To be completely frank, it's about as bad as you can get. Full of artificial ingredients - colours, flavourings and preservatives. Will have a proper look but I don't recall any real meat in it. I would avoid at all costs if it were me!!

Dog may be hyper and it is not a good diet at all. Can you posts the ingredients list?? Claire

OK - I've had a look and can't seem to find the ingredients online - probably because it's so bad!! However, did find lots of comments about Frolic and seems it is VERY high in sugar and salt and most dogs who eat it have orange poos!
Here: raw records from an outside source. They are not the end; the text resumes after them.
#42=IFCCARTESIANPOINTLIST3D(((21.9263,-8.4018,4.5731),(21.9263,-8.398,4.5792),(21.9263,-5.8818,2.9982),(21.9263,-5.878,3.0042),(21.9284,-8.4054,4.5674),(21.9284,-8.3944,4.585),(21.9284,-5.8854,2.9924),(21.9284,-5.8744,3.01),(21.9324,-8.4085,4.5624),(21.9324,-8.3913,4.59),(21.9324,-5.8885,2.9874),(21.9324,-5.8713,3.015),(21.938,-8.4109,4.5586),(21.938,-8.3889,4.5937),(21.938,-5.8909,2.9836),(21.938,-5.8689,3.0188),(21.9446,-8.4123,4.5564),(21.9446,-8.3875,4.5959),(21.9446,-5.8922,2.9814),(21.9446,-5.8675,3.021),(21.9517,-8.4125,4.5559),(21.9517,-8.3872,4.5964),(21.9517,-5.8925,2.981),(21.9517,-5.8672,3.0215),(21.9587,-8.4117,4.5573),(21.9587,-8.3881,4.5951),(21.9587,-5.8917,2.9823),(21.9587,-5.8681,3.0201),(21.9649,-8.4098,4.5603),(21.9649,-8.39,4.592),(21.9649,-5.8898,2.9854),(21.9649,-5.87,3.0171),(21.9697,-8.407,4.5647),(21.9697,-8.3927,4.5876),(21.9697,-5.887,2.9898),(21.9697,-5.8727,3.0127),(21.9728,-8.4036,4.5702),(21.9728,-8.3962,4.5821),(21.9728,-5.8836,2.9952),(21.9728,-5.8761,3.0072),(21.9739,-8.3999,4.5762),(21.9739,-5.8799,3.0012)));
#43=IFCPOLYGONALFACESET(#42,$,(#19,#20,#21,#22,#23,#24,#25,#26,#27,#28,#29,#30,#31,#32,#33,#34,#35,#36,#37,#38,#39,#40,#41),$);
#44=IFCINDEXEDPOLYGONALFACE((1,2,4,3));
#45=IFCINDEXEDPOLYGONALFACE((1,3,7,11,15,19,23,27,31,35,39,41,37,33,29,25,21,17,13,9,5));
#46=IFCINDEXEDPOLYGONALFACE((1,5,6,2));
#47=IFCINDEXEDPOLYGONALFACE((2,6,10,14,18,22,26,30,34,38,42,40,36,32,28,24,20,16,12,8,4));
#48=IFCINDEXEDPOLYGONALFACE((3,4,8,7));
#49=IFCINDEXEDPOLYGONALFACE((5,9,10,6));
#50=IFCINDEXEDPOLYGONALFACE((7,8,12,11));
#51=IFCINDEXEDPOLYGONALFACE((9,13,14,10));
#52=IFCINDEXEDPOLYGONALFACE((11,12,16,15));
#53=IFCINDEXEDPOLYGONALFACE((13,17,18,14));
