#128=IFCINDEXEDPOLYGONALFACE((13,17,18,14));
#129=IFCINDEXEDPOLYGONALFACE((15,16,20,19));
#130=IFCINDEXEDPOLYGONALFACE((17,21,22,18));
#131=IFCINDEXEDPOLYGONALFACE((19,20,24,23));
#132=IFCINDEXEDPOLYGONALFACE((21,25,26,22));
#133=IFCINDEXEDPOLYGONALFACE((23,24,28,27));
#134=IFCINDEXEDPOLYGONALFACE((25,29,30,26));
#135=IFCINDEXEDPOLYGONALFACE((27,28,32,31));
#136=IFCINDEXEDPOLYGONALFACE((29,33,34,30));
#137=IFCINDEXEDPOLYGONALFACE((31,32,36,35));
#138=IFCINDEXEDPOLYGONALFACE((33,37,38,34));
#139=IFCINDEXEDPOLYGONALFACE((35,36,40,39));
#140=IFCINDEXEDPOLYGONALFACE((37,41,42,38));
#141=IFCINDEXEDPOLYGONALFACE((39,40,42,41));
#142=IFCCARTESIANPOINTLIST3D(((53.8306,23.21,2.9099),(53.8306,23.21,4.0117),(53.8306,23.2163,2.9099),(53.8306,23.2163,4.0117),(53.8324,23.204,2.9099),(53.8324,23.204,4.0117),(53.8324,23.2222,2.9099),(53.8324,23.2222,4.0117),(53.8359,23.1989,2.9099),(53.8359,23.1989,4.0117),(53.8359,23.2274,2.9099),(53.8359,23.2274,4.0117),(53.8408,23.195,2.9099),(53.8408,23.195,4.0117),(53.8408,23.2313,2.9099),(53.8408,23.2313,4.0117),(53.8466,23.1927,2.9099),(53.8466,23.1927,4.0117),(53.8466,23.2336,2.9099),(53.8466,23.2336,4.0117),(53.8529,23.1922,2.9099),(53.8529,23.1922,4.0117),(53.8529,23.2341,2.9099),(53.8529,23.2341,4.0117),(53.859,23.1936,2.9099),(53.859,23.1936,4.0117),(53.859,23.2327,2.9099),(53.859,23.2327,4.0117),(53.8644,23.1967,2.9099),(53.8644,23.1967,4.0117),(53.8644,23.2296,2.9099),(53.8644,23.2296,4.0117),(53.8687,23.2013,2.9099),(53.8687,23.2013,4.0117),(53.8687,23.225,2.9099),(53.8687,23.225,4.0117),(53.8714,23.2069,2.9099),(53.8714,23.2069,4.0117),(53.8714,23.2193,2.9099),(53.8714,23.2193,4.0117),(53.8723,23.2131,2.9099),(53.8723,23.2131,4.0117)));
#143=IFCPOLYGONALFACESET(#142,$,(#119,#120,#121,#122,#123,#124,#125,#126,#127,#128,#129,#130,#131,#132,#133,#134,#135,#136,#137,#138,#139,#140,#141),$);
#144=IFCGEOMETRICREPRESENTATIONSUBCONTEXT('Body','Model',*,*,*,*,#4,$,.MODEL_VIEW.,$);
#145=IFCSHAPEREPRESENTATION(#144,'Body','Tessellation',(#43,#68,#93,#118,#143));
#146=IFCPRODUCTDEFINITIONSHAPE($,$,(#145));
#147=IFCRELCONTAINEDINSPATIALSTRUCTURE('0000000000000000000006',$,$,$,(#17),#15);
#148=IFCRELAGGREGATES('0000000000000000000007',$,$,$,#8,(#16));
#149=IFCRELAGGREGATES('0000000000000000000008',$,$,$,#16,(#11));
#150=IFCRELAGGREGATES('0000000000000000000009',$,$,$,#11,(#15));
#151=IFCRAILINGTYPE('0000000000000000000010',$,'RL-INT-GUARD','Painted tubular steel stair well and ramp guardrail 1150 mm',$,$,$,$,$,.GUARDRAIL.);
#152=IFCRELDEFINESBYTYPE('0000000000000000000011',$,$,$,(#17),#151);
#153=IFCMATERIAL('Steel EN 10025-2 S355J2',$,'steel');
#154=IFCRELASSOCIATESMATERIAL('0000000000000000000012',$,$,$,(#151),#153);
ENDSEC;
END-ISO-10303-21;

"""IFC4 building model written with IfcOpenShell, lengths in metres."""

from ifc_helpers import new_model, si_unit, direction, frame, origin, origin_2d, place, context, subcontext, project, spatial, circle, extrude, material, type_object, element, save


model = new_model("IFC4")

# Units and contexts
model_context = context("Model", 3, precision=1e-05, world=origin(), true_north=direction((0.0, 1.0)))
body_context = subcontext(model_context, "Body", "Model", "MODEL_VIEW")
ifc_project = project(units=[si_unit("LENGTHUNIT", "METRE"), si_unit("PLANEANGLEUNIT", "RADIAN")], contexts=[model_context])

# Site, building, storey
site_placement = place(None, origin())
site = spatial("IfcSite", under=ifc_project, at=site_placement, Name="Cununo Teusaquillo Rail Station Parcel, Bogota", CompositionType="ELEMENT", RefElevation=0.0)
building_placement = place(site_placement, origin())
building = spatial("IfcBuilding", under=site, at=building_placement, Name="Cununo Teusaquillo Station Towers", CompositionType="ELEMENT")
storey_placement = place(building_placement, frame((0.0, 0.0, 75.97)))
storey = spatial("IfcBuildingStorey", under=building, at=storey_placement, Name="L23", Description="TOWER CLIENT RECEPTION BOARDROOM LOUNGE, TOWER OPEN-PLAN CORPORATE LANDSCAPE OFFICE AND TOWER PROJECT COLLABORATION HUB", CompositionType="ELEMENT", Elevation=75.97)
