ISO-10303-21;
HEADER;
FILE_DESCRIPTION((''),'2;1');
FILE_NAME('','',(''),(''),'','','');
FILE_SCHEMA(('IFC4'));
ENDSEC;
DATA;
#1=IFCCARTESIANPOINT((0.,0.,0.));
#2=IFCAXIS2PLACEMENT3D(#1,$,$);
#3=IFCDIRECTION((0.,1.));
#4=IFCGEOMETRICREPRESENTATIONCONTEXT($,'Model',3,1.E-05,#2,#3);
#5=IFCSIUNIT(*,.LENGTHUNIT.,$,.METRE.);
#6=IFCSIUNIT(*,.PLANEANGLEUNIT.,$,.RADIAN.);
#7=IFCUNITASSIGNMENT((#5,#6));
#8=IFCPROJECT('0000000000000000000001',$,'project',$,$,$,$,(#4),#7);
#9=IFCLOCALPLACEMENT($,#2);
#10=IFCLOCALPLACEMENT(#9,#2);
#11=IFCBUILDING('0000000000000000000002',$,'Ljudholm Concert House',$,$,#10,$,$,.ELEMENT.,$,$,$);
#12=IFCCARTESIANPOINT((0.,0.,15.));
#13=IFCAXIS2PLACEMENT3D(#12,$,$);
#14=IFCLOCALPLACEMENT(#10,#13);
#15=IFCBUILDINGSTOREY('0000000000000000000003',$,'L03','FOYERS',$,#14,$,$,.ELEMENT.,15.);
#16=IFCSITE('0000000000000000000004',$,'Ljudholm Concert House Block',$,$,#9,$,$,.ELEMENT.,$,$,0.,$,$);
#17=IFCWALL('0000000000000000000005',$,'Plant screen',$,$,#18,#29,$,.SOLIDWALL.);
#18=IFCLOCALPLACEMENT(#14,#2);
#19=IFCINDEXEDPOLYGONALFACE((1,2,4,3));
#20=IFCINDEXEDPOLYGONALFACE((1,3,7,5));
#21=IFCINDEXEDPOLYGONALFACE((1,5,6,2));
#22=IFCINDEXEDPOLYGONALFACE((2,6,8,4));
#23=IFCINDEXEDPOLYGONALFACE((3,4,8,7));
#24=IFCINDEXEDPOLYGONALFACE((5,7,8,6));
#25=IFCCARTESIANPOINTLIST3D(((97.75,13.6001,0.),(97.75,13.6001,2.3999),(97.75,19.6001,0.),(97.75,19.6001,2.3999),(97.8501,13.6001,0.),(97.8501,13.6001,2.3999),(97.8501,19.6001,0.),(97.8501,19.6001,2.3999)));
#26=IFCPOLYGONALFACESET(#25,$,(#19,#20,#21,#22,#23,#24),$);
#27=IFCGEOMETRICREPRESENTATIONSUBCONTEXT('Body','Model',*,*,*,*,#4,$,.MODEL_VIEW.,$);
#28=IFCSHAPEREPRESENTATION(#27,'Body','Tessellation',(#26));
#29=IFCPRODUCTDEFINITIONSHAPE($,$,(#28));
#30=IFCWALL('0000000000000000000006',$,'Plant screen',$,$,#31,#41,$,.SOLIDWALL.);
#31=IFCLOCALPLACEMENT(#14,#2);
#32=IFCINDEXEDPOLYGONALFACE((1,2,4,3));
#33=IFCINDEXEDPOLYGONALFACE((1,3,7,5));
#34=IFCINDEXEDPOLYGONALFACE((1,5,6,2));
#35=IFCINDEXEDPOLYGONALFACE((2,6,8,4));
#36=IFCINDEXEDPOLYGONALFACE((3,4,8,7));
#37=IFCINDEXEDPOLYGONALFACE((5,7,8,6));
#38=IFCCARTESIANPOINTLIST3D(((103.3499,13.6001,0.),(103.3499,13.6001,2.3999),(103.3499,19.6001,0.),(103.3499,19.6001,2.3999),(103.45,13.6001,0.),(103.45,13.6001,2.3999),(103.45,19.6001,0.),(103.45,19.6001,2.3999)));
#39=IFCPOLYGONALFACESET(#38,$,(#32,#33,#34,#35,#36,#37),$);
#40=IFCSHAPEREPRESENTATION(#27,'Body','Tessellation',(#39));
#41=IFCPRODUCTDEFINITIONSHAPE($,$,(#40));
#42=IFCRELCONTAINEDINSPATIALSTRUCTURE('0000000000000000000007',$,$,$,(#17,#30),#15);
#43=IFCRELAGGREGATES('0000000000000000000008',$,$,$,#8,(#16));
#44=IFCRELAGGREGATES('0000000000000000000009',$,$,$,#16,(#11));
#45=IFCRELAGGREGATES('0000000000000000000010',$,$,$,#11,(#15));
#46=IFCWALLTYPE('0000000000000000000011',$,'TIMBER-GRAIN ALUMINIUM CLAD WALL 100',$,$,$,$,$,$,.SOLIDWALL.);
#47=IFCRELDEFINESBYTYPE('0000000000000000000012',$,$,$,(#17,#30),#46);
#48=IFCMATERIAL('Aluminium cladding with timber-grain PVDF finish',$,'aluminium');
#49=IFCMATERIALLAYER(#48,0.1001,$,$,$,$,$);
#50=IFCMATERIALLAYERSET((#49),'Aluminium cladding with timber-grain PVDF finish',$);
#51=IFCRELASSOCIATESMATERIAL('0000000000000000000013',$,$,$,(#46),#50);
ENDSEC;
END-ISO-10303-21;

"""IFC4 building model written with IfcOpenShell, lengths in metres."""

from ifc_helpers import new_model, si_unit, direction, frame, frame_2d, origin, place, context, subcontext, project, spatial, rectangle, extrude, material, layer, layer_set, type_object, element, save


model = new_model("IFC4")

# Units and contexts
model_context = context("Model", 3, precision=1e-05, world=origin(), true_north=direction((0.0, 1.0)))
body_context = subcontext(model_context, "Body", "Model", "MODEL_VIEW")
ifc_project = project(units=[si_unit("LENGTHUNIT", "METRE"), si_unit("PLANEANGLEUNIT", "RADIAN")], contexts=[model_context])

# Site, building, storey
site_placement = place(None, origin())
site = spatial("IfcSite", under=ifc_project, at=site_placement, Name="Ljudholm Concert House Block", CompositionType="ELEMENT", RefElevation=0.0)
building_placement = place(site_placement, origin())
building = spatial("IfcBuilding", under=site, at=building_placement, Name="Ljudholm Concert House", CompositionType="ELEMENT")
storey_placement = place(building_placement, frame((0.0, 0.0, 15.0)))
storey = spatial("IfcBuildingStorey", under=building, at=storey_placement, Name="L03", Description="FOYERS", CompositionType="ELEMENT", Elevation=15.0)

# Shared definitions
ifc_material_1 = material(Name="Aluminium cladding with timber-grain PVDF finish", Category="aluminium")
ifc_layer_1 = layer(ifc_material_1, 0.1001)
ifc_layer_set_1 = layer_set([ifc_layer_1], Name="Aluminium cladding with timber-grain PVDF finish")
wall_type_1 = type_object("IfcWallType", Name="TIMBER-GRAIN ALUMINIUM CLAD WALL 100", PredefinedType="SOLIDWALL", material=ifc_layer_set_1)

# Walls
for number, where, z_axis, x_axis, name in (
    (1, (97.8, 13.6001, 0.0), (0.0, 0.0, 1.0), (0.0, 1.0, 0.0), "Plant screen"),
    (2, (103.3999, 13.6001, 0.0), (0.0, 0.0, 1.0), (0.0, 1.0, 0.0), "Plant screen"),
):
    element("IfcWall", number, at=place(storey_placement, frame(where, z_axis=z_axis, x_axis=x_axis)), inside=storey, type_object=wall_type_1, Name=name, PredefinedType="SOLIDWALL", context=body_context, shape_type="SweptSolid", body=[
        extrude(rectangle(XDim=6.0, YDim=0.1001, at=frame_2d((3.0, 0.0))), origin(), (0.0, 0.0, 1.0), 2.3999),
    ])

save(model, "model.ifc")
Very bad, imo!!!


----------



## hobbs2004 (Mar 12, 2010)

From petsupermarket

Frolic Ringo Complete Moist Dog Food - Beef
Ingredients
Cereals (min. 4%), Meat and Animal Derivatives (including min. 4% Fresh Meat, min. 4% Beef), Derivatives Of Vegetable Origin, Meat and Animal Derivatives (including min. 4% Fresh Meat, min. 4% Beef), Oils and Fats, Vegetables (min. 4% Carrots), Minerals, Milk and Milk Derivatives, Various Sugars, Fish and Fish Derivatives

Nutritional Data
Typical values per pack
Protein 17%
Oil 14. 5%
Ash 7%
Fibre 3%
Moisture 20%
Copper 7mg/kg
Frolic Ringo Complete Moist Dog Food - Poultry
Ingredients
Cereals (min. 4% Rice), Derivatives of Vegetable Origin, Meat and Animal Derivatives (including min. 4% Poultry), Oils and Fats, Vegetables (min. 4% Carrots), Minerals, Milk and Milk Derivatives, Various Sugars.

Nutritional Data
Typical values per pack
Protein 17%
Oil 14. 5%
Ash 7%
Fibre 3%
Moisture 20%
Copper 7mg/kg


Personally, I don't think you can judge anything on the basis of the info given (although to me the fact that they are hiding behind minimal labelling is saying it all).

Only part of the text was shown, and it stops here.